The physician argued he did not have the requisite mens rea (Latin for specific mental intent) to act recklessly against his patient’s safety because the drugs as prescribed would not have resulted in death if used as directed. The physician argued this that he could not have known either patient would abuse the medications.
The New York Court of Appeals rejected this argument under the facts as patently absurd.  “It is a direct and foreseeable result of defendant’s reckless conduct “that extra prescriptions or the copious amount of prescriptions written for each patient” obviously suggested the patient was not taking the medications as directed and, thus, it was reasonably foreseeable that the patient was abusing the prescriptions.”

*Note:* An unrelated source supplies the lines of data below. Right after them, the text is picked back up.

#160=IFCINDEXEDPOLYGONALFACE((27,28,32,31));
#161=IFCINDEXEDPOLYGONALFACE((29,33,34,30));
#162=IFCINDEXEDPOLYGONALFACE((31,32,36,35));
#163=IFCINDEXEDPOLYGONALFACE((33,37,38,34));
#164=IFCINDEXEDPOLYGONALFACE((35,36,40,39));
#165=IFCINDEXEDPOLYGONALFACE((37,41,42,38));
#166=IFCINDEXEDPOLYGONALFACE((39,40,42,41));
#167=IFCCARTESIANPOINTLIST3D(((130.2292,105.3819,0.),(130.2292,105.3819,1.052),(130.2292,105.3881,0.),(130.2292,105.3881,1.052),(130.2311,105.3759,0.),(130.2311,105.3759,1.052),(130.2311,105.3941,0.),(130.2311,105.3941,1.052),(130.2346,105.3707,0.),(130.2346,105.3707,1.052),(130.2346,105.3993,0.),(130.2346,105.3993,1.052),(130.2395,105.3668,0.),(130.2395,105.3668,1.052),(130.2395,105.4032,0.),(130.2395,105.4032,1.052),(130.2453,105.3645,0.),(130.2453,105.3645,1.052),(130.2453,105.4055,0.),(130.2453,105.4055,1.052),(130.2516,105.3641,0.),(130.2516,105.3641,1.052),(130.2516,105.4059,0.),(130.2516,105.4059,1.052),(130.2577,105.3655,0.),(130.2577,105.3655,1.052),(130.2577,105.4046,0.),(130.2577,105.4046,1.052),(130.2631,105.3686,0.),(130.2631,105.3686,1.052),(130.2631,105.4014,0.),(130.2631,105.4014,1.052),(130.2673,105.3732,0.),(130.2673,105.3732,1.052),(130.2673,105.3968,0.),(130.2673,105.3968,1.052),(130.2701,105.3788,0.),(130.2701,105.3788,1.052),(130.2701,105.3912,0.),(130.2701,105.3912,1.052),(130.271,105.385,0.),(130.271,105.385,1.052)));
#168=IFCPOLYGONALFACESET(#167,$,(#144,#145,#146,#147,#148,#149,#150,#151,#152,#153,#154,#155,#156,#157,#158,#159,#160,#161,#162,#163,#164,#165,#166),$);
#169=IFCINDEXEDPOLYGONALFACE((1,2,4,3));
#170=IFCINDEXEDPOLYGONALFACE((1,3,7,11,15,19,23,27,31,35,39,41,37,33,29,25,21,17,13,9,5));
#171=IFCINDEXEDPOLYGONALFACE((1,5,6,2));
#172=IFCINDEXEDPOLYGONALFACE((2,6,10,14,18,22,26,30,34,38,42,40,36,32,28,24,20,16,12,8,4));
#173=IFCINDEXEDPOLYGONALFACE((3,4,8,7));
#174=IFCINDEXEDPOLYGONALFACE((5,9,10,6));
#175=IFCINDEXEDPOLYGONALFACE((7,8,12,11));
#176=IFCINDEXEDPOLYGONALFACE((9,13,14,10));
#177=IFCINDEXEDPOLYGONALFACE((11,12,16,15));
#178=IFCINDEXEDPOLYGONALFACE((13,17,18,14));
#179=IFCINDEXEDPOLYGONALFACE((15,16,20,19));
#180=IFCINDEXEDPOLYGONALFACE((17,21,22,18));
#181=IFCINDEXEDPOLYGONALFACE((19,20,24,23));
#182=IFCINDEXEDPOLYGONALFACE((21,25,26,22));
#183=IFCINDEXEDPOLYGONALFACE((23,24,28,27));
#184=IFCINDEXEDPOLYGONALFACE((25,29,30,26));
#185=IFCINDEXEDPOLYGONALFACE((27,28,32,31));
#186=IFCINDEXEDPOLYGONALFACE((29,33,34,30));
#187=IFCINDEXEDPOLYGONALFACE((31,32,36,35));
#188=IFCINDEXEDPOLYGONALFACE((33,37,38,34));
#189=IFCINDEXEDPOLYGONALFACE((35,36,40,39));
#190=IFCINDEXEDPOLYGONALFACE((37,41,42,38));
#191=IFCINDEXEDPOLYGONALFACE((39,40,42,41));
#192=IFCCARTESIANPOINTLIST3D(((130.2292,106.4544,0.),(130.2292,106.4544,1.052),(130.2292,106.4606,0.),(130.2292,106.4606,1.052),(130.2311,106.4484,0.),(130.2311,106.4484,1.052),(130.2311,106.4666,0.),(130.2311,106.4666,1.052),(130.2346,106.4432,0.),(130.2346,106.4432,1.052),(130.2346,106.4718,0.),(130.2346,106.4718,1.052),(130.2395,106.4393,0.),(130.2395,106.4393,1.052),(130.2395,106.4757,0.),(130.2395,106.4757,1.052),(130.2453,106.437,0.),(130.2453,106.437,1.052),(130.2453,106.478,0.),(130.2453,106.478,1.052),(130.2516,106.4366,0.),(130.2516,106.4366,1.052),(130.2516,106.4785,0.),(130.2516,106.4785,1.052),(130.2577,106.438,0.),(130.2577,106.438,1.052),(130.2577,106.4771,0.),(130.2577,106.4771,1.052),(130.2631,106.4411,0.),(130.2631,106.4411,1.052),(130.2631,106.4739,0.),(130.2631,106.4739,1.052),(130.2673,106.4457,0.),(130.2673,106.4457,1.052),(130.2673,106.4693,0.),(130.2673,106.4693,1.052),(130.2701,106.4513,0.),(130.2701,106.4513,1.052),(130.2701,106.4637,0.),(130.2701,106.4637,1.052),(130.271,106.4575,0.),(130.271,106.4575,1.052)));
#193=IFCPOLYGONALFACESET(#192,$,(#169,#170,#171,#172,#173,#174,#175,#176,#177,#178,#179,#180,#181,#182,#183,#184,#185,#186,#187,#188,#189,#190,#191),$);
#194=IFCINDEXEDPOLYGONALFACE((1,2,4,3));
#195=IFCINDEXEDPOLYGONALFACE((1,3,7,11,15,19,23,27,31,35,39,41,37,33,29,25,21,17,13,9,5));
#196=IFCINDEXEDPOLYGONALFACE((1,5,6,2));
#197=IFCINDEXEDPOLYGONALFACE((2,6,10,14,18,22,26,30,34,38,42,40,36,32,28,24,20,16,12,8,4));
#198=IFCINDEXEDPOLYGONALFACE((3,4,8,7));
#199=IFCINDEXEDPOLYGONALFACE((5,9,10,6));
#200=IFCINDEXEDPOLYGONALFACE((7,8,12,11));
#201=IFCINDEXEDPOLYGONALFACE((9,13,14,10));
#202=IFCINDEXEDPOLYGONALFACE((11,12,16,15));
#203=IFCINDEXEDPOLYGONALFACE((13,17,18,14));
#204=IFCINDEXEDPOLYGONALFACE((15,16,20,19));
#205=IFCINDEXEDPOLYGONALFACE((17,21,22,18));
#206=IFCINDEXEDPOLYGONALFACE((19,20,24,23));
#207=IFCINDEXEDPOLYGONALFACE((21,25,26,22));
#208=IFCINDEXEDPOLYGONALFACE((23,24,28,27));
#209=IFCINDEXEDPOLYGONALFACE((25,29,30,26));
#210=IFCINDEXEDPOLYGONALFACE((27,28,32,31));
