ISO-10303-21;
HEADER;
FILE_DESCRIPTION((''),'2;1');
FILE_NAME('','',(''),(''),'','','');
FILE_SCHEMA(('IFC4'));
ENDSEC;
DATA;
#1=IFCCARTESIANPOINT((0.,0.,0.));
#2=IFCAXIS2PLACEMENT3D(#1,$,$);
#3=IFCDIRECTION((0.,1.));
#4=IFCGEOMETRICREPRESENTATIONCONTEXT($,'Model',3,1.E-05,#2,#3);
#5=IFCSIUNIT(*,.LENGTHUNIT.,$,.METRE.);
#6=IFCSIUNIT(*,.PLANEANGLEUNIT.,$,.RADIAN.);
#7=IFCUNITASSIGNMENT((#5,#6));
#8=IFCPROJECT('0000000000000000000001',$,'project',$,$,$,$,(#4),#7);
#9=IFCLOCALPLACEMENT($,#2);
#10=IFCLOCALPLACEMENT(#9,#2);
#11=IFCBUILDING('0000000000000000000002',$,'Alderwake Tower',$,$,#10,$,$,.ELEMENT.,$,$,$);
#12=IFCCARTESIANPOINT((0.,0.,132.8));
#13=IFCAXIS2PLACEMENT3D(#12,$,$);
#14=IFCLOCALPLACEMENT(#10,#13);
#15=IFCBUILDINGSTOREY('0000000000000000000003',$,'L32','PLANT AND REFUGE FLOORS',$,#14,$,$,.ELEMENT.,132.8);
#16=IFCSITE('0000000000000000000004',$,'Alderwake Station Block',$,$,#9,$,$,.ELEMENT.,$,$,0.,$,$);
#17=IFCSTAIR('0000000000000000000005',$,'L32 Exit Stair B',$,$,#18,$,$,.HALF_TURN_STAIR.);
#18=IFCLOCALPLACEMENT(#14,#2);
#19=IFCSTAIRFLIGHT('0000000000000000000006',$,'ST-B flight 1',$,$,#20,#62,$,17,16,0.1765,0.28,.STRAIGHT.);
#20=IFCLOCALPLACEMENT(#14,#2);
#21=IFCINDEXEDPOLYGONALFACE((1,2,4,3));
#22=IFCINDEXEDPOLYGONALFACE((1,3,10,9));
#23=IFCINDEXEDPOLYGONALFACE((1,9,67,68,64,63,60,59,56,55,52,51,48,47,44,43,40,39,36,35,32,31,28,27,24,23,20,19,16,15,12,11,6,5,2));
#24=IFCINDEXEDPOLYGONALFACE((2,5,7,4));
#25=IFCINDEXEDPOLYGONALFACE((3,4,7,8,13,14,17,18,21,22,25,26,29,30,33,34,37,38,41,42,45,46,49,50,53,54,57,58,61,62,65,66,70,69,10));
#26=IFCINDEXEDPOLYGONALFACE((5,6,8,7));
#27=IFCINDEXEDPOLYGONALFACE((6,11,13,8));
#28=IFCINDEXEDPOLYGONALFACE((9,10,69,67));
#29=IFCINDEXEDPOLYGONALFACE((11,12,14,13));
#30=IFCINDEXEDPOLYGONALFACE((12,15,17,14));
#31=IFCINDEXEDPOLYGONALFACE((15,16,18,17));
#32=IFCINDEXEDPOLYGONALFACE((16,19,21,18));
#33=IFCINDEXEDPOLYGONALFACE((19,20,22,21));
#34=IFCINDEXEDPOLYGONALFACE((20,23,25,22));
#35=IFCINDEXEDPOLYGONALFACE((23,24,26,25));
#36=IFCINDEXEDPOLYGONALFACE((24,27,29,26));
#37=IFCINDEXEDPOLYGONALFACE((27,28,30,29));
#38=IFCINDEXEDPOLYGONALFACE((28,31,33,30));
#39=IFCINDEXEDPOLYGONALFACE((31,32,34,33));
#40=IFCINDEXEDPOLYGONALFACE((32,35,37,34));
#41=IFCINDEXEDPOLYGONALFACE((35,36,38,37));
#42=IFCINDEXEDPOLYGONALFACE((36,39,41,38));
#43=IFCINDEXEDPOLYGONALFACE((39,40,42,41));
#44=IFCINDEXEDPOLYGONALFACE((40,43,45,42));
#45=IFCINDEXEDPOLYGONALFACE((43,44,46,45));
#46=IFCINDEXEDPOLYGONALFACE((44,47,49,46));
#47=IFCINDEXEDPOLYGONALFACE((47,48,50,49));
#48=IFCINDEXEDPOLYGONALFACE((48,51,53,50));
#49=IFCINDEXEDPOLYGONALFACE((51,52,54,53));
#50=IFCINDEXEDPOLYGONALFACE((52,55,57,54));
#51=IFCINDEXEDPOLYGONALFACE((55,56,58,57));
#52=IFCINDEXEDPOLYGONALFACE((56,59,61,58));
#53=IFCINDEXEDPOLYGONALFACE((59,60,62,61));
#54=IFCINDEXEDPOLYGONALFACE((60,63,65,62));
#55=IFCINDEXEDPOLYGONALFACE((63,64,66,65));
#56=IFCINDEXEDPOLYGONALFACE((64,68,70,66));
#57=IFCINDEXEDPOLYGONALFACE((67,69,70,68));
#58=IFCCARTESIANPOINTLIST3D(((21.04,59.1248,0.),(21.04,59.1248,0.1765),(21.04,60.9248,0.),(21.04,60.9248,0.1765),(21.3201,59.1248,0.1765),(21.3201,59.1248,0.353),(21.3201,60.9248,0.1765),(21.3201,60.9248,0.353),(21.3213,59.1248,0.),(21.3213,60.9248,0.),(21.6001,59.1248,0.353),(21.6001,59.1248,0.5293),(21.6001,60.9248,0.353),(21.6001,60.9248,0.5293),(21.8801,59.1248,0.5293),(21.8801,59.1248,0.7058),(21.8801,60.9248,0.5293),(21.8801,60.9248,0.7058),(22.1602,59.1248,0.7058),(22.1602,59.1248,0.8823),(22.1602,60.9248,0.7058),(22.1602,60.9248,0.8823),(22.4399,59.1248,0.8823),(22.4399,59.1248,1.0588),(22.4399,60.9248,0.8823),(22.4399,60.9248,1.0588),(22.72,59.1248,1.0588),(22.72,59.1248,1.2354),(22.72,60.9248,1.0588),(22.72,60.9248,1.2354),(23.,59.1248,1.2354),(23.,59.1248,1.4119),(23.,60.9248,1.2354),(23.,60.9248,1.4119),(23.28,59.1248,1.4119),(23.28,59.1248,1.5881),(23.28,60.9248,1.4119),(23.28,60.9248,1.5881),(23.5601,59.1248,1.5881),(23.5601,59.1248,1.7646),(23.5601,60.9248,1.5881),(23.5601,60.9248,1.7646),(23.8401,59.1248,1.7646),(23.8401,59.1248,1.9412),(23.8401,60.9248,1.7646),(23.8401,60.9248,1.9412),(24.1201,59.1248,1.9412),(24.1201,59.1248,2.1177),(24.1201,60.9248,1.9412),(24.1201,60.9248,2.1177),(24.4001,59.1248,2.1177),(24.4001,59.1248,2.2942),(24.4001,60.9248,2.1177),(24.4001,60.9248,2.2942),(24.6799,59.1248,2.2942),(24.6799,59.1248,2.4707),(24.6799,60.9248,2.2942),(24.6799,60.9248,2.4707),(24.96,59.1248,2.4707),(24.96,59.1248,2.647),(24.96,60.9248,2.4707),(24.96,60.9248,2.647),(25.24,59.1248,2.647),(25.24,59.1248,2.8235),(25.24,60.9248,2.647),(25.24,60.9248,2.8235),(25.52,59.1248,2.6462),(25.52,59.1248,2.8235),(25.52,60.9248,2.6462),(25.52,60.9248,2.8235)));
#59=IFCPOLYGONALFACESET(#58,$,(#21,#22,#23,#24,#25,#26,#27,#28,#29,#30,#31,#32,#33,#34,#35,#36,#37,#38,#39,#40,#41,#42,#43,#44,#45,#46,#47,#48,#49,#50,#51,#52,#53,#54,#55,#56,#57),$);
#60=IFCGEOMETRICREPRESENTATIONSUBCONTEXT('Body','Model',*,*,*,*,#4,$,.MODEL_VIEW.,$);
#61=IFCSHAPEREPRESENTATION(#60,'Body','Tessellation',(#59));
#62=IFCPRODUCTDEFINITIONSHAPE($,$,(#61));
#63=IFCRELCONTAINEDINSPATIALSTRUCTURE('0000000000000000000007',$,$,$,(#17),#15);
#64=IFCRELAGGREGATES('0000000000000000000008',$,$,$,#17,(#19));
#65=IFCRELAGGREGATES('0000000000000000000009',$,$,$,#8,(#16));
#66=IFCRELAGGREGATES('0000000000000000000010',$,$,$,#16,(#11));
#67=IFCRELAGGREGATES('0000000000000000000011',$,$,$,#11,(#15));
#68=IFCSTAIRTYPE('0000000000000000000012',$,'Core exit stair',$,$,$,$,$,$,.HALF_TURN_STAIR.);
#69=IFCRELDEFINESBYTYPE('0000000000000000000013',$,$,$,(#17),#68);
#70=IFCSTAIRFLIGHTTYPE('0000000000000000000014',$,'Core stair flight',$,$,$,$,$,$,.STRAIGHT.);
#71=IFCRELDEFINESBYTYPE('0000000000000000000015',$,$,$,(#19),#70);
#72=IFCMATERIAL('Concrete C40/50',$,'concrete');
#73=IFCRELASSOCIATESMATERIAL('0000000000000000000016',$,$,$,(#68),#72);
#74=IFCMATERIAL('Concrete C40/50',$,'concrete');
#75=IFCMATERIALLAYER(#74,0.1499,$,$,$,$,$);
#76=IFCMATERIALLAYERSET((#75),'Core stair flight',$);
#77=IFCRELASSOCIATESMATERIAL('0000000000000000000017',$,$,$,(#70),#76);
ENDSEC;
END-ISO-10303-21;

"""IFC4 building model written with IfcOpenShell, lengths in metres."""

from ifc_helpers import new_model, si_unit, direction, frame, origin, place, context, subcontext, project, spatial, polyline, outline, extrude, material, layer, layer_set, type_object, element, aggregate, save


model = new_model("IFC4")

# Units and contexts
model_context = context("Model", 3, precision=1e-05, world=origin(), true_north=direction((0.0, 1.0)))
body_context = subcontext(model_context, "Body", "Model", "MODEL_VIEW")
ifc_project = project(units=[si_unit("LENGTHUNIT", "METRE"), si_unit("PLANEANGLEUNIT", "RADIAN")], contexts=[model_context])

# Site, building, storey
site_placement = place(None, origin())
site = spatial("IfcSite", under=ifc_project, at=site_placement, Name="Alderwake Station Block", CompositionType="ELEMENT", RefElevation=0.0)
building_placement = place(site_placement, origin())
building = spatial("IfcBuilding", under=site, at=building_placement, Name="Alderwake Tower", CompositionType="ELEMENT")
storey_placement = place(building_placement, frame((0.0, 0.0, 132.8)))
storey = spatial("IfcBuildingStorey", under=building, at=storey_placement, Name="L32", Description="PLANT AND REFUGE FLOORS", CompositionType="ELEMENT", Elevation=132.8)

# Stair, stair flight
ifc_material_1 = material(Name="Concrete C40/50", Category="concrete")
stair_type = type_object("IfcStairType", Name="Core exit stair", PredefinedType="HALF_TURN_STAIR", material=ifc_material_1)
stair_placement = place(storey_placement, origin())
stair = element("IfcStair", 1, at=stair_placement, inside=storey, type_object=stair_type, Name="L32 Exit Stair B", PredefinedType="HALF_TURN_STAIR")
ifc_material_2 = material(Name="Concrete C40/50", Category="concrete")
ifc_layer_1 = layer(ifc_material_2, 0.1499)
ifc_layer_set_1 = layer_set([ifc_layer_1], Name="Core stair flight")
stair_flight_type = type_object("IfcStairFlightType", Name="Core stair flight", PredefinedType="STRAIGHT", material=ifc_layer_set_1)
stair_flight_placement = place(storey_placement, frame((21.04, 60.0249, 0.0), z_axis=(0.0, 0.0, 1.0), x_axis=(1.0, 0.0, 0.0)))
stair_flight = element("IfcStairFlight", 2, at=stair_flight_placement, type_object=stair_flight_type, Name="ST-B flight 1", NumberOfRisers=17, NumberOfTreads=16, PredefinedType="STRAIGHT", RiserHeight=0.1765, TreadLength=0.28, context=body_context, shape_type="SweptSolid", body=[
    extrude(outline(polyline([(0.0, 0.0), (0.0, 0.1765), (0.28, 0.1765), (0.28, 0.353), (0.5601, 0.353), (0.5601, 0.5293), (0.8401, 0.5293), (0.8401, 0.7058), (1.1201, 0.7058), (1.1201, 0.8823), (1.3999, 0.8823), (1.3999, 1.0588), (1.6799, 1.0588), (1.6799, 1.2354), (1.96, 1.2354), (1.96, 1.4119), (2.24, 1.4119), (2.24, 1.5881), (2.52, 1.5881), (2.52, 1.7646), (2.8, 1.7646), (2.8, 1.9412), (3.0801, 1.9412), (3.0801, 2.1177), (3.3601, 2.1177), (3.3601, 2.2942), (3.6399, 2.2942), (3.6399, 2.4707), (3.9199, 2.4707), (3.9199, 2.647), (4.2, 2.647), (4.2, 2.8235), (4.48, 2.8235), (4.48, 3.0), (4.48, 2.6462), (0.2812, 0.0), (0.0, 0.0)])), frame((0.0, 0.8999, 0.0), z_axis=(0.0, -1.0, 0.0), x_axis=(1.0, 0.0, 0.0)), (0.0, 0.0, 1.0), 1.8),
])
aggregate(stair, [stair_flight])

save(model, "model.ifc")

The New York Court of Appeals did not limit It’s ruling to the facts of this specific case. In affirming the manslaughter conviction, the court affirms the proposition that physicians must comply with their prescribing responsibilities, state law on appropriate therapeutic parameters for prescribing controlled substance, and practice their profession responsibly and ethically.
The new burden of proof for criminal prosecution is recklessness in a physician’s prescribing of various medications that, when interacting together, can be said to be reasonably foreseeable to cause death.  In the context of physicians that write to many prescriptions for scheduled controlled substances in the absence of objectively verified medical conditions and conservative prescription writing practices, local prosecutors offices will be investigating that position.